# Forum Home Renovation Sub Flooring  Attaching timber to concrete stumps

## appublic

About a year ago I wanted to attach some bits of treated pine to existing concrete stumps (200x200). This was just to provide something to attach battens to, as you can see the pics. Initially, I thought I'd fasten into the stumps using concrete screws, but after reading some of the posts below, decided to go with glue instead. 
 - http://www.renovateforum.com/f198/dr...umps-ok-25946/
  - http://www.renovateforum.com/f198/fi...e-stumps-8430/
  - http://www.renovateforum.com/f198/fi...-stumps-72815/ 
 I chose SikaBond. I did about 25 of these about the place. After about 4 months, one of them came apart. 12 months later, every single one has come apart. I had even experimented with gluing two timber pieces to each other. Yesterday that 1 yr old experiment came apart in my hands with the slightest bit of pressure (see last pic). 
 So I'm obviously doing something wrong, and I hope someone can point out what. I'm still inclined to steer clear of drilling into the stumps - simply because a bunch of people apparently more qualified than me suggest it's a bad thing to do (and though there are people who counter that, I'm not about to use my house to find out for sure). 
 - this is an old Queenslander that was restumped about 3 years ago
  - concrete stumps are 200x200
  - most do not have well placed holes to put bolts through (I've used them where that's possible)
  - the stumps and battens will be painted
  - the stumps/battens are quite visible in the patio area, so a clamping solution would have to look alright (see middle pic)
- the areas to be battened vary from very small (in the middle pic) to larger angled shapes, but nothing huge.
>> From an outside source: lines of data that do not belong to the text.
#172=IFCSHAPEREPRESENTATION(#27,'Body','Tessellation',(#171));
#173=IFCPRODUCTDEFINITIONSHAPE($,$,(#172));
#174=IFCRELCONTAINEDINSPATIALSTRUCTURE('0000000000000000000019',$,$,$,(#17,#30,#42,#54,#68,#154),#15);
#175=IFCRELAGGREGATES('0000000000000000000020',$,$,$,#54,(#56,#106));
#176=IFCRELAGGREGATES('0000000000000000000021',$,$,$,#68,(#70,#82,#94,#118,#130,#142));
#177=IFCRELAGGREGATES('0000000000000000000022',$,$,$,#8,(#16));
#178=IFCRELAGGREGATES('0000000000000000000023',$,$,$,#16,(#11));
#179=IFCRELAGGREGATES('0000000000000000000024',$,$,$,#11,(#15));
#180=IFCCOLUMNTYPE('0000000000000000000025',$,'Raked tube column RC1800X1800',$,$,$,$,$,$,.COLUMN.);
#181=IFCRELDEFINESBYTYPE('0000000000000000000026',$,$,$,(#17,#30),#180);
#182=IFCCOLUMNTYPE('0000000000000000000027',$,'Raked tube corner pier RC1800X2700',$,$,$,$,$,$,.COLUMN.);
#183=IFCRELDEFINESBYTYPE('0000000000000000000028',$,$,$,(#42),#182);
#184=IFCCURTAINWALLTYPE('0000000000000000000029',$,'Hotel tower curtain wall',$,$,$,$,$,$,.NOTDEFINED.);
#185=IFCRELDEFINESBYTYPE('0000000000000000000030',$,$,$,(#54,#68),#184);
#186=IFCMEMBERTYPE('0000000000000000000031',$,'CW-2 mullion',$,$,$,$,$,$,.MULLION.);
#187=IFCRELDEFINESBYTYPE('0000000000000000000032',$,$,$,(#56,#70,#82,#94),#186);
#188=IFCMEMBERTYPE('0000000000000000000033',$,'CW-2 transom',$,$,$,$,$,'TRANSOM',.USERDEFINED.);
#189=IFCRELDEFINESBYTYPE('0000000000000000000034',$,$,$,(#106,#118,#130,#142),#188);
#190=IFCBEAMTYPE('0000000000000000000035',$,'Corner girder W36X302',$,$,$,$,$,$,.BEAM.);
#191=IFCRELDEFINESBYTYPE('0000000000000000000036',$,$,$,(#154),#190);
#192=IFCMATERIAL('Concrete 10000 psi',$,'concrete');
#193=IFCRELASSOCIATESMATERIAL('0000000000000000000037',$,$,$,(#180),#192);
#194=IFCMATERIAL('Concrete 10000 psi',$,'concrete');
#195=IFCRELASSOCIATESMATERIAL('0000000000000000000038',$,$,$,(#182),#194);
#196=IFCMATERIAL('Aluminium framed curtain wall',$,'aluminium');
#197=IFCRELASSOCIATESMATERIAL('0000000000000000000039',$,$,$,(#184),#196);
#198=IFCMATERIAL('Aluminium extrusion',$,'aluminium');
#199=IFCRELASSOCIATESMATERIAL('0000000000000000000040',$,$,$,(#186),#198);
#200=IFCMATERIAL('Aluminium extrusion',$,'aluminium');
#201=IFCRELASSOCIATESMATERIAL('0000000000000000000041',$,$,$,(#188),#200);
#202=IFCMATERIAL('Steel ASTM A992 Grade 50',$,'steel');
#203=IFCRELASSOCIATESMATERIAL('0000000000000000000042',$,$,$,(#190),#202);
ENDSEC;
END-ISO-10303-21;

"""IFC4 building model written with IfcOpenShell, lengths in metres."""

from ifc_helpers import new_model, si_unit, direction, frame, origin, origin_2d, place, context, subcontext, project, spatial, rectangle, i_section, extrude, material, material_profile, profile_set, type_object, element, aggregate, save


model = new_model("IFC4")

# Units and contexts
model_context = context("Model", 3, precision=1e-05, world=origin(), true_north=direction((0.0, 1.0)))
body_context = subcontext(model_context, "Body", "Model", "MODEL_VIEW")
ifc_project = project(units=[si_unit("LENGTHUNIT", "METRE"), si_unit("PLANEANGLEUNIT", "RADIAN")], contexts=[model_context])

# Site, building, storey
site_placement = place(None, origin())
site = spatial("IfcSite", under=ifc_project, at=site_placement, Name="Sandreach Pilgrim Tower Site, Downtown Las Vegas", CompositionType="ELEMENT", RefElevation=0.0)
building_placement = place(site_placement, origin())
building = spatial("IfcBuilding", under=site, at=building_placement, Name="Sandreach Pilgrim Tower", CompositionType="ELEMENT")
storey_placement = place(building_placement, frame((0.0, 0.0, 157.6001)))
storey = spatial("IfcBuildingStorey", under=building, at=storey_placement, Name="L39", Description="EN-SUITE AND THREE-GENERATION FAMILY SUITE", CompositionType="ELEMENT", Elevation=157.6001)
I've made them already, they've just fallen off where the glue has failed 
 Any help would be greatly appreciated. I hate doing a job twice, and I REALLY want to avoid doing it three times!    
 Thanks,
 Andy.

----------


## DuckCommander

Yeah you need a mechanical fixing.
Drill and epoxy gal threaded bar into/through your stumps, min 100mm edge distance, min 100mm fixing spacing. Edge distance should ensure you miss vertical reo and drill a pilot hole to ensure you miss the ties. Patch any unfilled holes with low shrink grout.
Done correctly it will not be detrimental to your stumps. 
Curious to reasoning against it though....

----------


## phild01

I've no experience or knowledge about concrete stumps but wondering if they are pre-stressed.  I might be hesitant to drill as well.  But maybe you could frame batten around each one, and then secure an upright piece to these to hold the lattice.  So 4 short pieces 70x35 (2 the same depth of the stump) screwed as a clamping type frame, one at the top and one near the base.  Then screw another 70x35 upright between the two frames.  Screw your lattice to these.

----------


## Pulse

you don't need a strong fixing, just use a 5mm bit and hammer in mushroom fixings with gal angle, the fix the gal angle to the timber. Construction adhesive was never really going to cut it, especially with the release agent they probably used to cast the concrete, and strong non-porous stumps. Polyurethane adhesive like sikaflex may have faired a bit better.  
Cheers
Pulse

----------


## intertd6

You need some sort of mechanical fixing as mentioned above, there is a simple nail type which has a bent shaft & is driven into the timber & concrete, commonly used for formwork in tilt up slabs, I can't remember the name of them. When the guys run out of them they will just drive 75 x 3.75 bullet head nails into the drill holes stuffed with some tie wire, for your situation gal roofing nails & gal wire would be ok.
regards inter

----------


## phild01

Spaghetti!

----------